Here are some examples of signatures:

+-------------+----------------------------+-----------------------------------+
| name        | signature                  | common usage                      |
+=============+============================+===================================+
| add         | ``(),()->()``              | binary ufunc                      |
+-------------+----------------------------+-----------------------------------+
| sum1d       | ``(i)->()``                | reduction                         |
+-------------+----------------------------+-----------------------------------+
| inner1d     | ``(i),(i)->()``            | vector-vector multiplication      |
+-------------+----------------------------+-----------------------------------+
| matmat      | ``(m,n),(n,p)->(m,p)``     | matrix multiplication             |
+-------------+----------------------------+-----------------------------------+
| vecmat      | ``(n),(n,p)->(p)``         | vector-matrix multiplication      |
+-------------+----------------------------+-----------------------------------+
| matvec      | ``(m,n),(n)->(m)``         | matrix-vector multiplication      |
+-------------+----------------------------+-----------------------------------+
| matmul      | ``(m?,n),(n,p?)->(m?,p?)`` | combination of the four above     |
+-------------+----------------------------+-----------------------------------+
| outer_inner | ``(i,t),(j,t)->(i,j)``     | inner over the last dimension,    |
|             |                            | outer over the second to last,    |
|             |                            | and loop/broadcast over the rest. |
+-------------+----------------------------+-----------------------------------+
|  cross1d    | ``(3),(3)->(3)``           | cross product where the last      |
|             |                            | dimension is frozen and must be 3 |
+-------------+----------------------------+-----------------------------------+

.. _frozen:

The last is an instance of freezing a core dimension and can be used to
improve ufunc performance

C-API for implementing elementary functions
-------------------------------------------

The current interface remains unchanged, and ``PyUFunc_FromFuncAndData``
can still be used to implement (specialized) ufuncs, consisting of
scalar elementary functions.

One can use ``PyUFunc_FromFuncAndDataAndSignature`` to declare a more
general ufunc.  The argument list is the same as
``PyUFunc_FromFuncAndData``, with an additional argument specifying the
signature as C string.

Furthermore, the callback function is of the same type as before,
``void (*foo)(char **args, intp *dimensions, intp *steps, void *func)``.
When invoked, ``args`` is a list of length ``nargs`` containing
the data of all input/output arguments.  For a scalar elementary
function, ``steps`` is also of length ``nargs``, denoting the strides used
for the arguments. ``dimensions`` is a pointer to a single integer
defining the size of the axis to be looped over.

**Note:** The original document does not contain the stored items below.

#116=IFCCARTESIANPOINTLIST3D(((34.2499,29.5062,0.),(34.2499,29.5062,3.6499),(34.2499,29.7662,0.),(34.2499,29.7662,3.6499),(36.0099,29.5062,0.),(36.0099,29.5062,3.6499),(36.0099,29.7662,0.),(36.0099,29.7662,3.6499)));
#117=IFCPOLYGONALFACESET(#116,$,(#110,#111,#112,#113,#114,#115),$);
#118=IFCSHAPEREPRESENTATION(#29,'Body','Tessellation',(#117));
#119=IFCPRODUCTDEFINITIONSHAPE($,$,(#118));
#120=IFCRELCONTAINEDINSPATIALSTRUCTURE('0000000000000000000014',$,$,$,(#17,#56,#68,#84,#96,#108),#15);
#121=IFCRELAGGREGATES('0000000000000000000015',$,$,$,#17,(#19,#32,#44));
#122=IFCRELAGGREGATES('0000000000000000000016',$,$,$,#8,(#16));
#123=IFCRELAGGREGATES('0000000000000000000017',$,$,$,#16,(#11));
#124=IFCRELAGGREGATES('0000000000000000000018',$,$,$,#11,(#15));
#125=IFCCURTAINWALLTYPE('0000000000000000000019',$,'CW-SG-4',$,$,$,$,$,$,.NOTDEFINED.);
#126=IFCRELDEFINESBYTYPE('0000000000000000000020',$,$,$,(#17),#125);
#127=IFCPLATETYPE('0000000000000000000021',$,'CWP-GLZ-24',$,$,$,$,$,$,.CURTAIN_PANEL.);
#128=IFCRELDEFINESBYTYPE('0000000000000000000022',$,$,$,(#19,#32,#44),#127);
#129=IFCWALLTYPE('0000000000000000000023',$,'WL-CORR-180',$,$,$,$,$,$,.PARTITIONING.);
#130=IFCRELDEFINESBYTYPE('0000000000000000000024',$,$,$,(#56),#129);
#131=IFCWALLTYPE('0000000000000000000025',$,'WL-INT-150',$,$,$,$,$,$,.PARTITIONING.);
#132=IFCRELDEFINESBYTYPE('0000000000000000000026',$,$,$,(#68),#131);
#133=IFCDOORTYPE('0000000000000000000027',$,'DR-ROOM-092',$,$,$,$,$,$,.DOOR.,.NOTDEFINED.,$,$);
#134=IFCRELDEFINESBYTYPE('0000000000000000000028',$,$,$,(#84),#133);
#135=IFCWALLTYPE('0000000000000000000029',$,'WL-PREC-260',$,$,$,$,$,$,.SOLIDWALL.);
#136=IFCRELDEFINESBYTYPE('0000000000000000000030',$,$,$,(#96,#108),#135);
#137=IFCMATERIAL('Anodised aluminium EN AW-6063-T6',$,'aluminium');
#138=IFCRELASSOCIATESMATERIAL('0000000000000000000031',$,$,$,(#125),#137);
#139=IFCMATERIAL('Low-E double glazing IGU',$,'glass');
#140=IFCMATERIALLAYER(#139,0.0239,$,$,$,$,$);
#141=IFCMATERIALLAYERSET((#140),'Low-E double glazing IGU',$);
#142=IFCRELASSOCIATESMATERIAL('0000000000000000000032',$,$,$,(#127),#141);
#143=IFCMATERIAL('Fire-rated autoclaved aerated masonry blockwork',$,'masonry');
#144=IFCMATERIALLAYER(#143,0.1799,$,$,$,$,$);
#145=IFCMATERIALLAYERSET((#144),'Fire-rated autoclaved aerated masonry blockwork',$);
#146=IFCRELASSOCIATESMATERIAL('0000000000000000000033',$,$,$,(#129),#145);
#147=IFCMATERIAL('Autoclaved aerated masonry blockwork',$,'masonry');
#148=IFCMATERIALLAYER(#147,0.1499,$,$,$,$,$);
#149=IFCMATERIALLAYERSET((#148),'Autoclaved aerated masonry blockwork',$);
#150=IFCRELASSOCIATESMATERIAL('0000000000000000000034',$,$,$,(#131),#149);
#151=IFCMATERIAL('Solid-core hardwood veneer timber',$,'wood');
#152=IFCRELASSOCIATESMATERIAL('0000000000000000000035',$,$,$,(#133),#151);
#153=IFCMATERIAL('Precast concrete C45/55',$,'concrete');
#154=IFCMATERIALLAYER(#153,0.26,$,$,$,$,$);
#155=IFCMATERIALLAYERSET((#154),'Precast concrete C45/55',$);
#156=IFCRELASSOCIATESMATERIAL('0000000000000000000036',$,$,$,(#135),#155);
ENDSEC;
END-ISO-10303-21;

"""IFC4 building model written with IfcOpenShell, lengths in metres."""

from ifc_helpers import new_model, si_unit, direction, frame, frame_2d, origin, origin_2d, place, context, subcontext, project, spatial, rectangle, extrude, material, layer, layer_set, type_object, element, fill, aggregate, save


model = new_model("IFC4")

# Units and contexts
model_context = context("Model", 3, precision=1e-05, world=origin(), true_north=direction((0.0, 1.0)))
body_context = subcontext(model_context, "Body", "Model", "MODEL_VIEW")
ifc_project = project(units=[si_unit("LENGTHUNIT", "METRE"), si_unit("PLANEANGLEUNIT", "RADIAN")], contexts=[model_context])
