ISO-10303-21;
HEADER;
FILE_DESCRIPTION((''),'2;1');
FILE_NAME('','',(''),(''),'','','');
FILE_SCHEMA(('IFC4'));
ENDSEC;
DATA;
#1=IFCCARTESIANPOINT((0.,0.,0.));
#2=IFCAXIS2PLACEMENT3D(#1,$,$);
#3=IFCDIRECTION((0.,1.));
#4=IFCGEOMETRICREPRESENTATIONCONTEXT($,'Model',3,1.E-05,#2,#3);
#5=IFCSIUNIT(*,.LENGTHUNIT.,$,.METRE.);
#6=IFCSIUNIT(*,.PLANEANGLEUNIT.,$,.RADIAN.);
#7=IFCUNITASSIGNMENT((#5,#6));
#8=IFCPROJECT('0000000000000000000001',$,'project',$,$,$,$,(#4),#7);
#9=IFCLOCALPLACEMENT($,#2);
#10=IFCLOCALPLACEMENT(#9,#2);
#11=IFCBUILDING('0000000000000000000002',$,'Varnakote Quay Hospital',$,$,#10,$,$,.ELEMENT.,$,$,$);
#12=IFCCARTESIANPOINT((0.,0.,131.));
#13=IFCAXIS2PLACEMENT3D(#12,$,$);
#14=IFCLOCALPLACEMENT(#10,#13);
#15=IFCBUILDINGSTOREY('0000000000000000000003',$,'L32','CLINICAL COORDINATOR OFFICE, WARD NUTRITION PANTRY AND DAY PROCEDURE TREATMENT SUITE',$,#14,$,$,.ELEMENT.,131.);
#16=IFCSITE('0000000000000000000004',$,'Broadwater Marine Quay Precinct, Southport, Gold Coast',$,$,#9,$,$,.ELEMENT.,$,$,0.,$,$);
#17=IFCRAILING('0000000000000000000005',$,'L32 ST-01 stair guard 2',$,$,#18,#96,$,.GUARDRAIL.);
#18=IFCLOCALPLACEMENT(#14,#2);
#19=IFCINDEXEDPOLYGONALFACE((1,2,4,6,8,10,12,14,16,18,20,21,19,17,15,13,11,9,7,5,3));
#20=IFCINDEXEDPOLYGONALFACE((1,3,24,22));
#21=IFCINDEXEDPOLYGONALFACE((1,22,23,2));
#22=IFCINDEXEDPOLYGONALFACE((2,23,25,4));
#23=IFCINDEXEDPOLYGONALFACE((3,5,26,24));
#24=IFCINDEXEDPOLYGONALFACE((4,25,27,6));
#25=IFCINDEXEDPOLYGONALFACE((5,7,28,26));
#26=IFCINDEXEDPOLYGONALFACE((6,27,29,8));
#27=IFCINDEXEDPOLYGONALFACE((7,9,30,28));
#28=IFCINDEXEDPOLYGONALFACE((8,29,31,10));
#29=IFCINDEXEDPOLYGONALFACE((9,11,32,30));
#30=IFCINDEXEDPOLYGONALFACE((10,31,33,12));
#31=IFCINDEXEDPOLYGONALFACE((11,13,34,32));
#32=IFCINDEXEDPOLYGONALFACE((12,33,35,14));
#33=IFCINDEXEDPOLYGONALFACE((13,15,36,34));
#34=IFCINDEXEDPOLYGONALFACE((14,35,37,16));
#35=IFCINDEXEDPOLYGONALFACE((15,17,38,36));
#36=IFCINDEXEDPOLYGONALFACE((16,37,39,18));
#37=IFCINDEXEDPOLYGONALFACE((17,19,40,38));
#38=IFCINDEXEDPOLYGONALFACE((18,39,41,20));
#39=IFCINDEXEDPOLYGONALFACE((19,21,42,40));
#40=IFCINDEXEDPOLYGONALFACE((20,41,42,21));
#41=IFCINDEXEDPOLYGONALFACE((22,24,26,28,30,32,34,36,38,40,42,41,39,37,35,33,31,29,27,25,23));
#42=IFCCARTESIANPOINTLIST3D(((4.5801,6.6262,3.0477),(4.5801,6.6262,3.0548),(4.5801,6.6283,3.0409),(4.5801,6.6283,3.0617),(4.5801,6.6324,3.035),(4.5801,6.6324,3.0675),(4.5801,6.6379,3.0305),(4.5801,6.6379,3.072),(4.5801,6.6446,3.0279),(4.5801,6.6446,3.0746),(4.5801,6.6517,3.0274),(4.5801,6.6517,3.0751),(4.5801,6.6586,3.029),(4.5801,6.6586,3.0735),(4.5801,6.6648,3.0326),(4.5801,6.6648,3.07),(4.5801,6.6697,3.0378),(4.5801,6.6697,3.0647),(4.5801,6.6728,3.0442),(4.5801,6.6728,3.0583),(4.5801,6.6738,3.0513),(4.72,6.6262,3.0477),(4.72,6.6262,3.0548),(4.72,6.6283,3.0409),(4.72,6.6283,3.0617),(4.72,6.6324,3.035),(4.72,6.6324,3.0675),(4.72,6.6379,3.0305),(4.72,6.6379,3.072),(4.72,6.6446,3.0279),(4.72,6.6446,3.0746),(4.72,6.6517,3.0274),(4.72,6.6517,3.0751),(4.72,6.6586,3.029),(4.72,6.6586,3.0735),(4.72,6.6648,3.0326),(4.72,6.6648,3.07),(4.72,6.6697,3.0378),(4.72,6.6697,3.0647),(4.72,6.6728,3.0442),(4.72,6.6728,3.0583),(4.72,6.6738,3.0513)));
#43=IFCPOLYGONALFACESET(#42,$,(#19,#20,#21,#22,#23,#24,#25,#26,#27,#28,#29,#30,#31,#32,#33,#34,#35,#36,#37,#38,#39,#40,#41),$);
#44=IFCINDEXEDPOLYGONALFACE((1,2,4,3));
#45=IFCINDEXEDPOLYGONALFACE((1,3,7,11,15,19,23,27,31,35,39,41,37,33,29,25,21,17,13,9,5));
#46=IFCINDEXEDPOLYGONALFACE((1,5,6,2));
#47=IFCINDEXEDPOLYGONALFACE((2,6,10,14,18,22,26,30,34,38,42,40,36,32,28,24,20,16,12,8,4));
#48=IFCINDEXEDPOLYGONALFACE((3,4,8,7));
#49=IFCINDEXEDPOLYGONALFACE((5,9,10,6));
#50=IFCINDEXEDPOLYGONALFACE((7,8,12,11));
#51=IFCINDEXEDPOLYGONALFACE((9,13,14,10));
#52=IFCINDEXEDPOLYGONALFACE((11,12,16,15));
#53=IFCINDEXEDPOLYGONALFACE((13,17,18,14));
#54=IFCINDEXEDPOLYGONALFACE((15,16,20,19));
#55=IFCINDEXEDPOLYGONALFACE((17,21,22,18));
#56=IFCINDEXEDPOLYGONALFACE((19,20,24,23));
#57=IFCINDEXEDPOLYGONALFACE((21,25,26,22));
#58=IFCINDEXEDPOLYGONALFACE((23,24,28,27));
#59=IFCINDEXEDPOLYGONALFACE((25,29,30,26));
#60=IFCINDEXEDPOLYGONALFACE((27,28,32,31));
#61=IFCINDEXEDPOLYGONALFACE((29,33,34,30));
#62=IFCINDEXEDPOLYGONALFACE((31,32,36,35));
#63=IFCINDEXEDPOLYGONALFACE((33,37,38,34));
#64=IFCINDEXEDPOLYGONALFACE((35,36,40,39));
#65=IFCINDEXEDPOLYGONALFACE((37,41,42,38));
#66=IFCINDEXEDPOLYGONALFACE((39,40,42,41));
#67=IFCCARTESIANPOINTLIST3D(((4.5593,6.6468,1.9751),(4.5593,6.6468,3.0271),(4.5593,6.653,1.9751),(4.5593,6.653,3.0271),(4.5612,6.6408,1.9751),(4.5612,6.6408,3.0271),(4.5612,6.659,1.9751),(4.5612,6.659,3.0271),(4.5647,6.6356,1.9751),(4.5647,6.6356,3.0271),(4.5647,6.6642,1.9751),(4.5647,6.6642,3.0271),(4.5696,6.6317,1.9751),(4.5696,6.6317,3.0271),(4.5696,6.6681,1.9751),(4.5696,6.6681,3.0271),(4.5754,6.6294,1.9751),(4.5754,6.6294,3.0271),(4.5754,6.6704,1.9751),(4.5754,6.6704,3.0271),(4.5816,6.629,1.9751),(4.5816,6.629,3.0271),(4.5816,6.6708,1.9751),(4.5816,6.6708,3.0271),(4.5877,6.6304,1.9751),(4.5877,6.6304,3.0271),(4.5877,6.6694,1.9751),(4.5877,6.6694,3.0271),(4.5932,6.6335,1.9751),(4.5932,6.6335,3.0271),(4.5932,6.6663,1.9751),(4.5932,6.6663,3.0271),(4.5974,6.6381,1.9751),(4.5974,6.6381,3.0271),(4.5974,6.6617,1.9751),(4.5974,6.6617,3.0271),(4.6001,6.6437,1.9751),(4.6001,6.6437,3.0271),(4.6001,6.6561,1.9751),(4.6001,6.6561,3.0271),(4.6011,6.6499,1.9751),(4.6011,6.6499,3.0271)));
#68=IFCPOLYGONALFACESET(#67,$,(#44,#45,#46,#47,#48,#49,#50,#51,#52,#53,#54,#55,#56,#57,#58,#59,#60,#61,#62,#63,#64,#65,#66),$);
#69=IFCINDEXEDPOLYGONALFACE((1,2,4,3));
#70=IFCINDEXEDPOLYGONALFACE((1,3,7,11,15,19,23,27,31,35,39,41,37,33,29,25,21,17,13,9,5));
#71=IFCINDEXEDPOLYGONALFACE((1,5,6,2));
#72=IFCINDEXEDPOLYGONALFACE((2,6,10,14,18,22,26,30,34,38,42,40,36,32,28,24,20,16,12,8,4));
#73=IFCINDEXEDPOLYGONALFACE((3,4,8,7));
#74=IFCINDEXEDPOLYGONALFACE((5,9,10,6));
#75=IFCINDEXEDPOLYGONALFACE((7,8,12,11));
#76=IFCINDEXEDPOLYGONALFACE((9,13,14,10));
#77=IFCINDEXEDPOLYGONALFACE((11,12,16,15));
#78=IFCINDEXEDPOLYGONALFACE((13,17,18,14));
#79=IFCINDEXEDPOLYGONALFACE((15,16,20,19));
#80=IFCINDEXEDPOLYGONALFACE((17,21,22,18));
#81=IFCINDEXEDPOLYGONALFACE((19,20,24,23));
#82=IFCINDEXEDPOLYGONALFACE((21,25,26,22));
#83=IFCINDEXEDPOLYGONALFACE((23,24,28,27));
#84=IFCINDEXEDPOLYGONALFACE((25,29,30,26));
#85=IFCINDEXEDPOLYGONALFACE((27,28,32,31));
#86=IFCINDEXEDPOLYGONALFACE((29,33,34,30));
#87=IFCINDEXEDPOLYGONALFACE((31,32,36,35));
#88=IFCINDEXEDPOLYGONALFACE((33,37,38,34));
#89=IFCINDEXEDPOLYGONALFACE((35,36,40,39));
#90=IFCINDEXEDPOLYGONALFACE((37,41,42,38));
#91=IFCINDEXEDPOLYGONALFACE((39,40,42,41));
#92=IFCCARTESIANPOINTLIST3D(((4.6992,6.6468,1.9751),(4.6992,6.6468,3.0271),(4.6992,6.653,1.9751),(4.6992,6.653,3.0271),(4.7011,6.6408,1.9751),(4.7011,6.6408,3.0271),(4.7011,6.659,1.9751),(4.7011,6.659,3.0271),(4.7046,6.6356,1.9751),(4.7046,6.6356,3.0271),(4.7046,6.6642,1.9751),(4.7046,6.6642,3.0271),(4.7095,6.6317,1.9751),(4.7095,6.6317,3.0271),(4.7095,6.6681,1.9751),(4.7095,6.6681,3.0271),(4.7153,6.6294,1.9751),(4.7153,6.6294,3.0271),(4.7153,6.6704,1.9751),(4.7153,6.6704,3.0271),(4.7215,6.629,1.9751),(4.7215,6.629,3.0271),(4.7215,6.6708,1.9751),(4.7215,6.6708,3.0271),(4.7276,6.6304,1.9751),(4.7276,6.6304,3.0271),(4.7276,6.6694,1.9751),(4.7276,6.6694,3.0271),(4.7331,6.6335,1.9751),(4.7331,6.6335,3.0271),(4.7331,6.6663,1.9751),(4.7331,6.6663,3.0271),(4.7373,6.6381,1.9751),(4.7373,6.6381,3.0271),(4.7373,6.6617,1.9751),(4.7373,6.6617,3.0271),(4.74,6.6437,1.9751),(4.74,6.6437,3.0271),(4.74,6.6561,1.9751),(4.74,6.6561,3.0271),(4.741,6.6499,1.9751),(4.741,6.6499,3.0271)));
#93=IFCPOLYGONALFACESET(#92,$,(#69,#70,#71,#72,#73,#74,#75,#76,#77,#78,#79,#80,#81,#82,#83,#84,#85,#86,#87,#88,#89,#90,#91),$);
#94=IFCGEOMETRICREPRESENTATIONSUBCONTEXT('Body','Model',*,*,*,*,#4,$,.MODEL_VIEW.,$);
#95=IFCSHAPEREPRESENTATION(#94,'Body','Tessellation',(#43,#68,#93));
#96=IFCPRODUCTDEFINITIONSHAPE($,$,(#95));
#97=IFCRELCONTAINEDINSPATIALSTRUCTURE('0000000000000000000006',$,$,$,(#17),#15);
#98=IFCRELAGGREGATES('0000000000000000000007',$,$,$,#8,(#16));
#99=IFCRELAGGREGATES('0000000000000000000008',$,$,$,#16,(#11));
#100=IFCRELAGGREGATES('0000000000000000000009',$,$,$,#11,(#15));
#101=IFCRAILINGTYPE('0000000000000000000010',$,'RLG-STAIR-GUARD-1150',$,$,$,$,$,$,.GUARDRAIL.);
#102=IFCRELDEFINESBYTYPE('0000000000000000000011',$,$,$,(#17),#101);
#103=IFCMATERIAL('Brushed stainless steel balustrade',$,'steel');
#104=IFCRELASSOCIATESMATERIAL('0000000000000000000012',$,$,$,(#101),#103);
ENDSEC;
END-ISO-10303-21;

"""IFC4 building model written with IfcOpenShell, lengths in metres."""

from ifc_helpers import new_model, si_unit, direction, frame, origin, origin_2d, place, context, subcontext, project, spatial, circle, extrude, material, type_object, element, save


model = new_model("IFC4")

# Units and contexts
model_context = context("Model", 3, precision=1e-05, world=origin(), true_north=direction((0.0, 1.0)))
body_context = subcontext(model_context, "Body", "Model", "MODEL_VIEW")
ifc_project = project(units=[si_unit("LENGTHUNIT", "METRE"), si_unit("PLANEANGLEUNIT", "RADIAN")], contexts=[model_context])

# Site, building, storey
site_placement = place(None, origin())
site = spatial("IfcSite", under=ifc_project, at=site_placement, Name="Broadwater Marine Quay Precinct, Southport, Gold Coast", CompositionType="ELEMENT", RefElevation=0.0)
building_placement = place(site_placement, origin())
building = spatial("IfcBuilding", under=site, at=building_placement, Name="Varnakote Quay Hospital", CompositionType="ELEMENT")
storey_placement = place(building_placement, frame((0.0, 0.0, 131.0)))
storey = spatial("IfcBuildingStorey", under=building, at=storey_placement, Name="L32", Description="CLINICAL COORDINATOR OFFICE, WARD NUTRITION PANTRY AND DAY PROCEDURE TREATMENT SUITE", CompositionType="ELEMENT", Elevation=131.0)

# Railing
ifc_material_1 = material(Name="Brushed stainless steel balustrade", Category="steel")
railing_type_1 = type_object("IfcRailingType", Name="RLG-STAIR-GUARD-1150", PredefinedType="GUARDRAIL", material=ifc_material_1)
railing_1_placement = place(storey_placement, frame((4.5801, 6.6499, 1.9751)))
element("IfcRailing", 1, at=railing_1_placement, inside=storey, type_object=railing_type_1, Name="L32 ST-01 stair guard 2", PredefinedType="GUARDRAIL", context=body_context, shape_type="SweptSolid", body=[
    extrude(circle(Radius=0.0239, at=origin_2d()), frame((0.0, 0.0, 1.0762), z_axis=(1.0, 0.0, 0.0), x_axis=(0.0, 1.0, 0.0)), (0.0, 0.0, 1.0), 0.1399),
    extrude(circle(Radius=0.021, at=origin_2d()), origin(), (0.0, 0.0, 1.0), 1.052),
    extrude(circle(Radius=0.021, at=origin_2d()), frame((0.1399, 0.0, 0.0)), (0.0, 0.0, 1.0), 1.052),
])

save(model, "model.ifc")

For a non-trivial signature, ``dimensions`` will also contain the sizes
of the core dimensions as well, starting at the second entry.  Only
one size is provided for each unique dimension name and the sizes are
given according to the first occurrence of a dimension name in the
signature.

The first ``nargs`` elements of ``steps`` remain the same as for scalar
ufuncs.  The following elements contain the strides of all core
dimensions for all arguments in order.

For example, consider a ufunc with signature ``(i,j),(i)->()``.  In
this case, ``args`` will contain three pointers to the data of the
input/output arrays ``a``, ``b``, ``c``.  Furthermore, ``dimensions`` will be
``[N, I, J]`` to define the size of ``N`` of the loop and the sizes ``I`` and ``J``
for the core dimensions ``i`` and ``j``.  Finally, ``steps`` will be
``[a_N, b_N, c_N, a_i, a_j, b_i]``, containing all necessary strides.

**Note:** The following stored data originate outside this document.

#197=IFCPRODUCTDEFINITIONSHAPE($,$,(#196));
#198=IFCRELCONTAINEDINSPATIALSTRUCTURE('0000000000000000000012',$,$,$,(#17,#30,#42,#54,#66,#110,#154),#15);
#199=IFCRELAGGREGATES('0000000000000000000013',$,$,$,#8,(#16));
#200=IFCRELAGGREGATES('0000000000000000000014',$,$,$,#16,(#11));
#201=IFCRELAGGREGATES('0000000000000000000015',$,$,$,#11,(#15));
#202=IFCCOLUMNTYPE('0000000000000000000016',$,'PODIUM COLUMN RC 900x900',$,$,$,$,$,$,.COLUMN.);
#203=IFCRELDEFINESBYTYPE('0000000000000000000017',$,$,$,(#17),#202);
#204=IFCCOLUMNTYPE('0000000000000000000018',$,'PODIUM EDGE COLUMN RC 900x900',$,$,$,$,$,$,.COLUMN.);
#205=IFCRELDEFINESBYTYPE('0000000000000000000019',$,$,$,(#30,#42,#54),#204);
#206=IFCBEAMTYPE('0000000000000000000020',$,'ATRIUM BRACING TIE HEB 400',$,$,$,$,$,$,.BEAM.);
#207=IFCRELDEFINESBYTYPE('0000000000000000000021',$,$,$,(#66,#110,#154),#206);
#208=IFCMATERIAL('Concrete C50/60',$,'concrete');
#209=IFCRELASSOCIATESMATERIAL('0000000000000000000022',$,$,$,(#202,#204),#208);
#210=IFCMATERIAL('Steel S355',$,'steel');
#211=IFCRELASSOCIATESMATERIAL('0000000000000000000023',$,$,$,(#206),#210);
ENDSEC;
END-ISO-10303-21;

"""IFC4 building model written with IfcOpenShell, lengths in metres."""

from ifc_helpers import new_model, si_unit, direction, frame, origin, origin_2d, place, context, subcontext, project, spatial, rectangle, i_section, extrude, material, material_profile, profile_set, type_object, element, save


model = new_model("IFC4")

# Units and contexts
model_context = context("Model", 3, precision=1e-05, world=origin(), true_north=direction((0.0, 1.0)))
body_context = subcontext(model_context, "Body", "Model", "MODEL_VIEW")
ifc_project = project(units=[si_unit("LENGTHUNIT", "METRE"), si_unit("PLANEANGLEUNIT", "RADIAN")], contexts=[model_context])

Customizing core dimension size processing
------------------------------------------

The optional function of type ``PyUFunc_ProcessCoreDimsFunc``, stored
on the ``process_core_dims_func`` attribute of the ufunc, provides the
author of the ufunc a "hook" into the processing of the core dimensions
of the arrays that were passed to the ufunc.  The two primary uses of
this "hook" are:

* Check that constraints on the core dimensions required
  by the ufunc are satisfied (and set an exception if they are not).
* Compute output shapes for any output core dimensions that were not
  determined by the input arrays.

As an example of the first use, consider the generalized ufunc ``minmax``
with signature ``(n)->(2)`` that simultaneously computes the minimum and
maximum of a sequence.  It should require that ``n > 0``, because
the minimum and maximum of a sequence with length 0 is not meaningful.
In this case, the ufunc author might define the function like this:

    .. code-block:: c

        int minmax_process_core_dims(PyUFuncObject ufunc,
                                     npy_intp *core_dim_sizes)
        {
            npy_intp n = core_dim_sizes[0];
            if (n == 0) {
                PyExc_SetString("minmax requires the core dimension "
                                "to be at least 1.");
                return -1;
            }
            return 0;
        }

In this case, the length of the array ``core_dim_sizes`` will be 2.
The second value in the array will always be 2, so there is no need
for the function to inspect it.  The core dimension ``n`` is stored
in the first element.  The function sets an exception and returns -1
if it finds that ``n`` is 0.

The second use for the "hook" is to compute the size of output arrays
when the output arrays are not provided by the caller and one or more
core dimension of the output is not also an input core dimension.
If the ufunc does not have a function defined on the
``process_core_dims_func`` attribute, an unspecified output core
dimension size will result in an exception being raised.  With the
"hook" provided by ``process_core_dims_func``, the author of the ufunc
can set the output size to whatever is appropriate for the ufunc.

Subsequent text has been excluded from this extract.